A follow up post about specifying window frames to SQL analytical functions. This assumes you have already read my previous post where I described the use of OVER(), PARTITION BY and ORDER BY clause.
ROWS and RANGE clause
The Over clause also allows us to specify window frames on which the analytical functions get applied. This is useful in calculating things like moving average and cumulative sum using SQL. The partition by clause allows us to group the data set before the analytical function is applied. However it doesn’t allow us to choose different sets records for each input record to apply a function. Consider we have a rainfall data set for a city for 1 month. It has a schema like “date, precipitation”. We want to find the out the total rainfall for the past 5 dates for each day of the month. For arguments sake, lets visually ignore the first 5 values, since they wont be having data for the last 5 days. Here we see that to find sum, we can use the SUM function but we need only the last 5 records and not all the records, for each row. Lets start with a simpler problem, and find the sum of all records and have that as a column.
SELECT date, precipitation, SUM(precipitation) OVER () as total_precipitation FROM rainfall
Next we would apply the window on the input data to the SUM function, so that only the last 5 days are taken. For this we would first sort the data and then add the window as follows
SELECT date, precipitation, SUM(precipitation) OVER (ORDER BY date ROWS BETWEEN 1 PRECEDING AND 5 PRECEDING) as total_precipitation FROM rainfall
This query first orders the data based on date, and then selects the window frame for each row, which consists of the previous 5 rows based on the ordering specified. This set of records changes for every record. The analytical function is then applied on the selected window. This is particularly useful for moving averages.
ROWS or RANGE requires that the ORDER BY clause be specified.
Practice problem Calculate Moving Average on HackerEarth
Using PARTITION BY, ORDER BY and ROWS/RANGE together
Consider the above example but lets say now the data set contains data for multiple cities. Now the precipitation for each city would be different and the sum would also have to be calculated differently. Here we have the data set as “city, date, precipitation”. We would patition the data by city in the Over clause.
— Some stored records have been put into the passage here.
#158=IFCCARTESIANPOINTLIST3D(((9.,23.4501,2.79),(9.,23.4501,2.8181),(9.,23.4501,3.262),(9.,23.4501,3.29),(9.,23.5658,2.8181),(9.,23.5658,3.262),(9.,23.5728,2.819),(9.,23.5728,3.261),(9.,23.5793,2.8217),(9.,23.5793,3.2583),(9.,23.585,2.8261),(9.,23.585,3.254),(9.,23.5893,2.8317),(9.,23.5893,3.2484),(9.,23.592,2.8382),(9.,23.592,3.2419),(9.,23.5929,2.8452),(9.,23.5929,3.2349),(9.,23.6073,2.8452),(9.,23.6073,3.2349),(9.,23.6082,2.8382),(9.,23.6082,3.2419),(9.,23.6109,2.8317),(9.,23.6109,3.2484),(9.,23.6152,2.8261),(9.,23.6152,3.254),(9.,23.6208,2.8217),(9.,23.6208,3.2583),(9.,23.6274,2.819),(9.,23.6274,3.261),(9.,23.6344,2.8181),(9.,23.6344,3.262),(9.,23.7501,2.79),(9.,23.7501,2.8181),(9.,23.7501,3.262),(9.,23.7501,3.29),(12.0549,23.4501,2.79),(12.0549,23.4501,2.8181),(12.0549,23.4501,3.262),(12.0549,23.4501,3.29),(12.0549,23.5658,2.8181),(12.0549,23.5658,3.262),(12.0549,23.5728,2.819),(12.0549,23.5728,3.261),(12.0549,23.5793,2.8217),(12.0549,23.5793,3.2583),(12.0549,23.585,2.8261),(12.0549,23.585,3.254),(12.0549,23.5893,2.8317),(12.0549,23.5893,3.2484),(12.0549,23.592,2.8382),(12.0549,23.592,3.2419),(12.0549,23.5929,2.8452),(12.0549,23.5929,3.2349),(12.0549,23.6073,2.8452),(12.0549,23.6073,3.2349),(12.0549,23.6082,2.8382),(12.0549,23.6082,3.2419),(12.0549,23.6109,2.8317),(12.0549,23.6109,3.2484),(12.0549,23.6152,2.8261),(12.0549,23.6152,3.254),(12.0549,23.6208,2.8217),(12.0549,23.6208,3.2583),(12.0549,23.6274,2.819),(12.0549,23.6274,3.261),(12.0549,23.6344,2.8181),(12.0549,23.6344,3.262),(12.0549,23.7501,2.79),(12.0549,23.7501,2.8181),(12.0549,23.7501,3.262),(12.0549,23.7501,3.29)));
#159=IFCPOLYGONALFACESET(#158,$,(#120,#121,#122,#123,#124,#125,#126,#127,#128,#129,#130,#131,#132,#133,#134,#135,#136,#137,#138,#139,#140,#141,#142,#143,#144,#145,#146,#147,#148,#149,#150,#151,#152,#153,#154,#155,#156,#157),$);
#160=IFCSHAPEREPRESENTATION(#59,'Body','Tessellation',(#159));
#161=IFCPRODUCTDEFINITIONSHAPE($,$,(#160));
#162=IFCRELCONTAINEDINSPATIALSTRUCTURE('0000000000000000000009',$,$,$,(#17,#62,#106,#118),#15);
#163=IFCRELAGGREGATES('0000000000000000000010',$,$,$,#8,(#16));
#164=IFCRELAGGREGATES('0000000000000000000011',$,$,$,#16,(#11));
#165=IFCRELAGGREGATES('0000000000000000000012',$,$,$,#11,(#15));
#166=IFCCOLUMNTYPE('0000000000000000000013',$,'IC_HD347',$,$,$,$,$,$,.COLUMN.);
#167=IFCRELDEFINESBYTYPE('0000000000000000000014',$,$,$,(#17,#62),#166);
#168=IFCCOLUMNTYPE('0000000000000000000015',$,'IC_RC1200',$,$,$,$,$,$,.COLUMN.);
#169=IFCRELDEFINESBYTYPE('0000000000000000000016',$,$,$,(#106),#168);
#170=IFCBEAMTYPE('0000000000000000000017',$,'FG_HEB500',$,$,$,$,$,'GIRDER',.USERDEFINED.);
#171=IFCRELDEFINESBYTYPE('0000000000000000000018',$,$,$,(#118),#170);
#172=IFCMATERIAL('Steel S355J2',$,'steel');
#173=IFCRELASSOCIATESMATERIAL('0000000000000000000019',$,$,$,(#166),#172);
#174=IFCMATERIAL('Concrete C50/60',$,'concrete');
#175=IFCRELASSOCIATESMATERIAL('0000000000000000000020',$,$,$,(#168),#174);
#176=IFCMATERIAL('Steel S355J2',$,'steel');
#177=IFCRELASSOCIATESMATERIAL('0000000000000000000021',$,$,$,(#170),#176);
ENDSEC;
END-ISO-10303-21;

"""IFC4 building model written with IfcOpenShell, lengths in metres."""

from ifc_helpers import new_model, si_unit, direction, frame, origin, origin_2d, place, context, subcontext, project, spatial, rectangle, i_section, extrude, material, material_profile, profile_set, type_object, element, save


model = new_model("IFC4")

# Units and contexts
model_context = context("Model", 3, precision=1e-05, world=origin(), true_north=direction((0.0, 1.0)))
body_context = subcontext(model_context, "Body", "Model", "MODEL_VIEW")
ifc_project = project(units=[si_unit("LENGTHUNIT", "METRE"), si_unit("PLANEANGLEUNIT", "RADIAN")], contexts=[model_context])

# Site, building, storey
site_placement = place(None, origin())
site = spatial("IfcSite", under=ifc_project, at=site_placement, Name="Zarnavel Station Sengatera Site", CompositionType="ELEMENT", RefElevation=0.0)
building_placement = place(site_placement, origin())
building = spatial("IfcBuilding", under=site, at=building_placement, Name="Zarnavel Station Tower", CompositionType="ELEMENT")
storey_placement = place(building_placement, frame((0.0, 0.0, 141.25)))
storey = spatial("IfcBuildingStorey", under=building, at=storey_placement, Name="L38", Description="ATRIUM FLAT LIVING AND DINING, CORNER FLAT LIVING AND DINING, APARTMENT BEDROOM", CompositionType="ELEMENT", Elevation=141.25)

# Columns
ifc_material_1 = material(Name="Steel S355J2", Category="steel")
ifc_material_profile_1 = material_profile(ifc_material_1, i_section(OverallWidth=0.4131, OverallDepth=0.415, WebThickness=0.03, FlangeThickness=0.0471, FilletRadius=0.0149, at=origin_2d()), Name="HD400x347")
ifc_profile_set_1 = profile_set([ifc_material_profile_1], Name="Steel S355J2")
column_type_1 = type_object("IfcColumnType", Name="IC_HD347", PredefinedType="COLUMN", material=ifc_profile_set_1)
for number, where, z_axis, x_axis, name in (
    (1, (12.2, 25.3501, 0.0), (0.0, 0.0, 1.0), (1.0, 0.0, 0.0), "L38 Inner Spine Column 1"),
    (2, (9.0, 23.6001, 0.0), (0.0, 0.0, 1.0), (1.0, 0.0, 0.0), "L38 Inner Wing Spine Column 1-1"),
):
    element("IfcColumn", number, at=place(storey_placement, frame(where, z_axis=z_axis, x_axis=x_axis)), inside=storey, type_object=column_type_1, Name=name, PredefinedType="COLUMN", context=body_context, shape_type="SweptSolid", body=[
SELECT city, date, precipitation, SUM(precipitation) OVER (PARTITION BY city ORDER BY date ROWS BETWEEN 1 PRECEDING AND 5 PRECEDING) as total_precipitation FROM rainfall
When applied with partition by clause, the window frame is applied separately for each partition.
The window frame can be specified using (but not limited to) the following:
- ROWS BETWEEN 1 PRECEDING AND CURRENT ROW -> the current value and one previous
- ROWS BETWEEN UNBOUNDED PRECEDING AND CURRENT ROW -> all records from start to current row in the given ordering. This is useful for cumulative sum calculation
- ROWS BETWEEN 2 FOLLOWING AND 10 FOLLOWING -> records after the current row as per the number specified.
- ROWS 5 PRECEDING -> This is equivalent to ROWS BETWEEN 5 PRECEDING AND CURRENT ROW
This is very useful for statistical analysis which involves calculation where the input set record for a particular analytical function changes for every record. Applications of this technique include calculation of Year to Date sales, seasonal precipitation analysis, etc.